Function and Map are different concepts that should not be described together.

In CS I'd just say

   B = map(some_function, A)
B is the Mapping of `some_function` over the elements in A.


>Function and Map are different concepts that should not be described together

Not in this context. Assuming you are using `map` in the CS sense, B is what is called the "image" of some_function (over the domain A).

In math, a function is a mapping.

Consider the type of `some_function`. In C like notation, it would be `foo some_function(goo x)`. Which indicates that some_function takes an arguement of type `goo` and returns a value of type `foo`. In other words, some_function maps Goo to Foo (where Goo and Foo represent the set of all values of type goo and foo).


That's all fine, but surely there is a middle ground between 'single letter variables or bust' and 'parody of enterprise Java'. It wouldn't kill anyone to use short words instead of re-using phi.


It makes sense to me, although perhaps at a different level --- IMHO redundancy is bad in source code in general, and if you base your development methodologies and practices on assuming that it's not, you end up with things like Enterprise Java and C#: huge, eye-bleedingly verbose monstrosities to perform the simplest of tasks.

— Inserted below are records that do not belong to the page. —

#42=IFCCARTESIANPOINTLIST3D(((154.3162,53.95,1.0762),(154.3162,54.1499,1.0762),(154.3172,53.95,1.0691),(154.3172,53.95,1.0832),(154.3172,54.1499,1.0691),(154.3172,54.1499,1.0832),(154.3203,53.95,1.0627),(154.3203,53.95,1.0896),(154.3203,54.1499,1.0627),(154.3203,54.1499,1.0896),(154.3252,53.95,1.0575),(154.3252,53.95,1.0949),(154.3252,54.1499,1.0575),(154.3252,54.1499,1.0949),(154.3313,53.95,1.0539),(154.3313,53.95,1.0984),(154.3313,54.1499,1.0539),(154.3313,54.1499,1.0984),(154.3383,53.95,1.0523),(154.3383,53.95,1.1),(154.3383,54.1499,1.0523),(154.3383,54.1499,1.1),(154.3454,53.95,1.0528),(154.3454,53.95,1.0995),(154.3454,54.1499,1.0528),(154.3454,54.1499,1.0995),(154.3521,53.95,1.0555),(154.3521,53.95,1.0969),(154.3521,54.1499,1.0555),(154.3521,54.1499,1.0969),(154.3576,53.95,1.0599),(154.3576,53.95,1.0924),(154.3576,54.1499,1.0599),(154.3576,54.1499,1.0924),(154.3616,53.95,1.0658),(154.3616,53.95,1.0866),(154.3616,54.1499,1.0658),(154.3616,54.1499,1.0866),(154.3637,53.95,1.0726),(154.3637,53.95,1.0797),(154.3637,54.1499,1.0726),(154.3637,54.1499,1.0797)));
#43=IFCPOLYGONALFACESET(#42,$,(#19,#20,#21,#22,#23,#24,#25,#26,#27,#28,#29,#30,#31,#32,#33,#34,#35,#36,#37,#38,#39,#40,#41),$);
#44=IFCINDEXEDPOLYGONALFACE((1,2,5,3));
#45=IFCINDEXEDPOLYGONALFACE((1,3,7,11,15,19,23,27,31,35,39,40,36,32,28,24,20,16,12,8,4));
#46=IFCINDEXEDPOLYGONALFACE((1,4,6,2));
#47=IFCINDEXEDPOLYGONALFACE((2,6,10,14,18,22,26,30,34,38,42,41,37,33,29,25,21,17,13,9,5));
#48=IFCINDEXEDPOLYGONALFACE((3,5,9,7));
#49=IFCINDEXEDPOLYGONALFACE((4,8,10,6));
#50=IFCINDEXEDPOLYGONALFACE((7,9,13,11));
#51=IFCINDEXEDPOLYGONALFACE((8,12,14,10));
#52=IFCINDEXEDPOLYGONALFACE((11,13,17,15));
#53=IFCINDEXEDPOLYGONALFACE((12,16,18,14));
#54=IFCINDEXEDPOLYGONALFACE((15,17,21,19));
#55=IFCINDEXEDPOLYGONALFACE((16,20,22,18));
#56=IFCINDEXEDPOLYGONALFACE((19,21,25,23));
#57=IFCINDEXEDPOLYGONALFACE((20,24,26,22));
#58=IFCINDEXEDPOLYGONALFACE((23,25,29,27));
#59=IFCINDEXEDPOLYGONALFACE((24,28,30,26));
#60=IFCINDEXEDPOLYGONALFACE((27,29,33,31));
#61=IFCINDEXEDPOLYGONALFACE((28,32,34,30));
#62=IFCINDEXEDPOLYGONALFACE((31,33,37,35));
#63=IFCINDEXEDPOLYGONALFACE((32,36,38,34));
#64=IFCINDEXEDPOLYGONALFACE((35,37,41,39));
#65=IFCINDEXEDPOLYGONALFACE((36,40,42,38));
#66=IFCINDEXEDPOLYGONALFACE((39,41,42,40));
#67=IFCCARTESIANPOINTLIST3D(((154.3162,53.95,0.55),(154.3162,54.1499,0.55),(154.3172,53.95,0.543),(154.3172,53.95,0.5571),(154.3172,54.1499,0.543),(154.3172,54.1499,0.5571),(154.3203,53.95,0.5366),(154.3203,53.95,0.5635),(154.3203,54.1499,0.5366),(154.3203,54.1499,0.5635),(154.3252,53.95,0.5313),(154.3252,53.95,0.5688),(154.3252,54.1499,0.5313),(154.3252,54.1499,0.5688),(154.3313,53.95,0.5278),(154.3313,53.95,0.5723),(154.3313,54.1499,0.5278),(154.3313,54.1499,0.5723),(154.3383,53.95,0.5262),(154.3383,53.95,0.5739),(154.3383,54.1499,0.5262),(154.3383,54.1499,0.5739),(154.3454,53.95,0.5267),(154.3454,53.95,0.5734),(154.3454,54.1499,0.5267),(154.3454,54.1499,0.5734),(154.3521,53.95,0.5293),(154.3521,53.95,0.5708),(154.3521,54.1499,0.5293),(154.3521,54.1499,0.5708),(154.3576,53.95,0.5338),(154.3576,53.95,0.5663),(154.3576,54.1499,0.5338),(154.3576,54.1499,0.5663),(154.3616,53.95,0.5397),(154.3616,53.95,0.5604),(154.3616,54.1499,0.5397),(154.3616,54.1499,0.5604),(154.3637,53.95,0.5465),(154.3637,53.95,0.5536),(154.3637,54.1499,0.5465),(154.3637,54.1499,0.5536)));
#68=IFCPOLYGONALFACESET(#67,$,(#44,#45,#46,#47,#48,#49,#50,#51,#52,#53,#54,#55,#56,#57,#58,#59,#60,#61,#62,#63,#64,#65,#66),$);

Just as with everything there is a sweet spot. I personally feel some things need to stay verbose while some things are implementation and not inherently needed. Before college, I didn't do any python. After touching the language because of a class I like some of the things they do. For instance:

    for i in range(10):
        print(i)
This is a great way to show a way to print 0-9 to stdout. This is great. Contrary to this, you have a more c-like method of writing this.

    for (int i = 0; i < 10; i++) printf("%d\n", i);
This is the same code, but we have a lot more stuff here that convey a lot of meaning. This is fine for me. The construct is dense, but it's not overly dense. It is simple because once you see it the first time, you will understand it and it will always make sense to you no matter how many years pass. I'm fine with this extra verbosity.

On the other side of the spectrum you have this:

    map(print, range(10))
This is far fewer characters, but it's more difficult to understand. There are more things to understand if you've never done any functional programming. This sort of dense solution is frowned upon in many cases, especially since this sort of thing rarely scales efficiently in the sense of cognitive load. I did all of my CS labs using map/reduce formulas for CS100 and it did nothing but make things harder and drive a large appreciation for expanding statements into my heart.


That map is doing an impure operation. The order of application matters.

Otherwise, for people who learned functional programming from the start, it's much easier to understand.


I find the map solution simpler than the for loop as there is no loop variable.


It's simpler, much simpler, in this context. It's not simpler when you scale up the implementation being used. After you scale it up it stops being simpler and starts being `clever`.

   "Debugging is twice as hard as writing the code in the first place. Therefore, if you write the code as cleverly as possible, you are, by definition, not smart enough to debug it." − Brian W. Kernighan


Dense and high-level. Like programming languages. You take a group of machine operations and represent those with an operator in a programming language. You take a group of programming statements, expressions, etc and represent them with a procedure. Group some procedures together into a category (or perhaps a 'class' of items.)

Take a few lines of COBOL, compile it, and how much actual machine work does that represent? Lots. Very dense.